Welcome to the Village of Great Neck. And welcome to American politics in the year 2019.

The Mandy Lee story is very much a story of Great Neck, exposing the fault lines of ethnicity, racial differences, immigrants from Iran, religious conflicts between orthodox, conservative and reform Jews and, of course, political differences between Democrats and Republicans in the era of Donald Trump.

During the heated exchange over Mandy Lee, an even more heated email exchange was taking place among Jewish residents. The exchange ranged from concerns over how to properly observe a particular Jewish holiday to complaints that a victory by Wu’s slate would encourage more black people to move into Great Neck because one of Wu’s running mates, Julia Shields, was black.

Concerns were also raised of misleading political advertising being distributed in houses of worship and of houses of worship actively participating in political campaigns.

This is not the first time that these kinds of division have appeared in Great Neck. Similar divisions have appeared in recent years in races for village government, school board and library board.

In a race for the library board, a Chinese-American candidate was verbally attacked at the Great Neck Street Fair because of her support for LBGTQ rights.

Sadly, this is also not new to elections anywhere in this country. The exploitation of people’s biases has been part of this country’s elections since our nation’s founding.

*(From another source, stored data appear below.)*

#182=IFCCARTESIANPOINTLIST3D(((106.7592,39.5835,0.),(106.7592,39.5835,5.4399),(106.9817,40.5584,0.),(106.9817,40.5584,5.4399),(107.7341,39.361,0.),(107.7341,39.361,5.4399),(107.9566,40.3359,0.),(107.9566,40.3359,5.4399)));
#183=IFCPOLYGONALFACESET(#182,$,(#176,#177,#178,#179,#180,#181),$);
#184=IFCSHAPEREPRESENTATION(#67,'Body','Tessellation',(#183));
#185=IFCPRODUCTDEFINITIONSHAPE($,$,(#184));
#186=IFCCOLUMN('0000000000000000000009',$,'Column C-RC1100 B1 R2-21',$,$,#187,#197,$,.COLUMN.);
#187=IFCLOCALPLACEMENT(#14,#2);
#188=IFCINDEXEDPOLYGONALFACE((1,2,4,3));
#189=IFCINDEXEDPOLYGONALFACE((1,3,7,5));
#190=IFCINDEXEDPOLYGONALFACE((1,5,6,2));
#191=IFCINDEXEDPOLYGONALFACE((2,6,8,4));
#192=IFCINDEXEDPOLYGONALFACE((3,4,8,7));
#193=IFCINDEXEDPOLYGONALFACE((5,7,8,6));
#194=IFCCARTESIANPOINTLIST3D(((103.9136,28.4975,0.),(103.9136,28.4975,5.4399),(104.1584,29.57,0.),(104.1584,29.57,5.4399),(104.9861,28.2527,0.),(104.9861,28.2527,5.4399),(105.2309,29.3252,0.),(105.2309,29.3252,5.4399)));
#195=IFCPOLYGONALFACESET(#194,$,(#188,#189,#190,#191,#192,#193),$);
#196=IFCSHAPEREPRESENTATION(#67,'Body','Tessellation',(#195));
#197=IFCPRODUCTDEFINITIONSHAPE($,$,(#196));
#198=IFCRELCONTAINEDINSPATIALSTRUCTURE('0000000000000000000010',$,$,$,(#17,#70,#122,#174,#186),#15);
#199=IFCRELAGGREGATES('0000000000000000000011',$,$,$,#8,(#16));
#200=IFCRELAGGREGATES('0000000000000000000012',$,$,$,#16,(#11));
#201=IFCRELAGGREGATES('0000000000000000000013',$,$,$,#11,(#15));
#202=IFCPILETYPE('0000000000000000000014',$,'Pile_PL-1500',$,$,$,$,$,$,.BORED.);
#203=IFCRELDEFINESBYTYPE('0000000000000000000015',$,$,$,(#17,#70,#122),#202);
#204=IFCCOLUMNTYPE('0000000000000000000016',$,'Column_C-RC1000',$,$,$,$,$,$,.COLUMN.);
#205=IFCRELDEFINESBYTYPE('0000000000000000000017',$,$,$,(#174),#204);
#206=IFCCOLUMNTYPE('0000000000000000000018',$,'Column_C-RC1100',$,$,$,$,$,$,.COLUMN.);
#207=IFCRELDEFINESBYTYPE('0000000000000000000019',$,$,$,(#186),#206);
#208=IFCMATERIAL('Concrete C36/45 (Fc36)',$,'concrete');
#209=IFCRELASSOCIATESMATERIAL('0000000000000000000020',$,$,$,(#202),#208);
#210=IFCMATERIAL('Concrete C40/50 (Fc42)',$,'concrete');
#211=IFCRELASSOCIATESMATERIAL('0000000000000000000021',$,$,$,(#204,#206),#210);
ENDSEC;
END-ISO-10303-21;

What is new is the impact of social media such as Facebook, email and the internet – and the person sitting in the White House. They have combined to inflame what was already a ugly blemish on our body politic.

The letter at the center of the Mandy Lee controversy never appeared in any of the Blank Slate Media papers. It only appeared online for less than a day.

But in that time, the letter became a widespread topic of conversation with the help of social media where behind a cloak of anonymity provided by Facebook and other social media the two people who said they were Mandy Lee were subjected to harsh criticism that both said made them concerned for their own safety and the safety of family members.

This should sound very familiar to every voter in this country.

The recently issued report from special counsel Robert Mueller detailed how Russian operatives used social media to foster divisiveness among Americans along all the fault lines on display in the Village of Great Neck and then some.

At the end of an investigation that Trump called a hoax, Mueller described in fine detail how 126 million Facebook messages were sent by Russians posing as Americans were read by voters during the 2016 election first to divide and then to elect Trump president.

Yes, it is true that Trump did not invent the use of divisions among Americans for political advantage. But he has certainly been a master in exploiting them for his advantage.

So, sadly, what has been taking place in Great Neck appears to be a sign of the times – and we should expect to be part of the 2020 presidential election.

We as a newspaper have always tried to give our readers as much an opportunity as we can to express their views. This can be seen in the many letters we published for and against candidates running on both slates in the Village of Great Neck election.

But we have also learned some valuable lessons about the new world in which we live – where we need to increase our vigilance to determine if someone is who they say they are.

So going forward, we are taking a small step by requiring letter-writers to provide their home addresses and phone numbers. Just in case.

The bigger question is what all of us can do to come together to develop solutions to our problems rather than being distracted by appeals that divide us.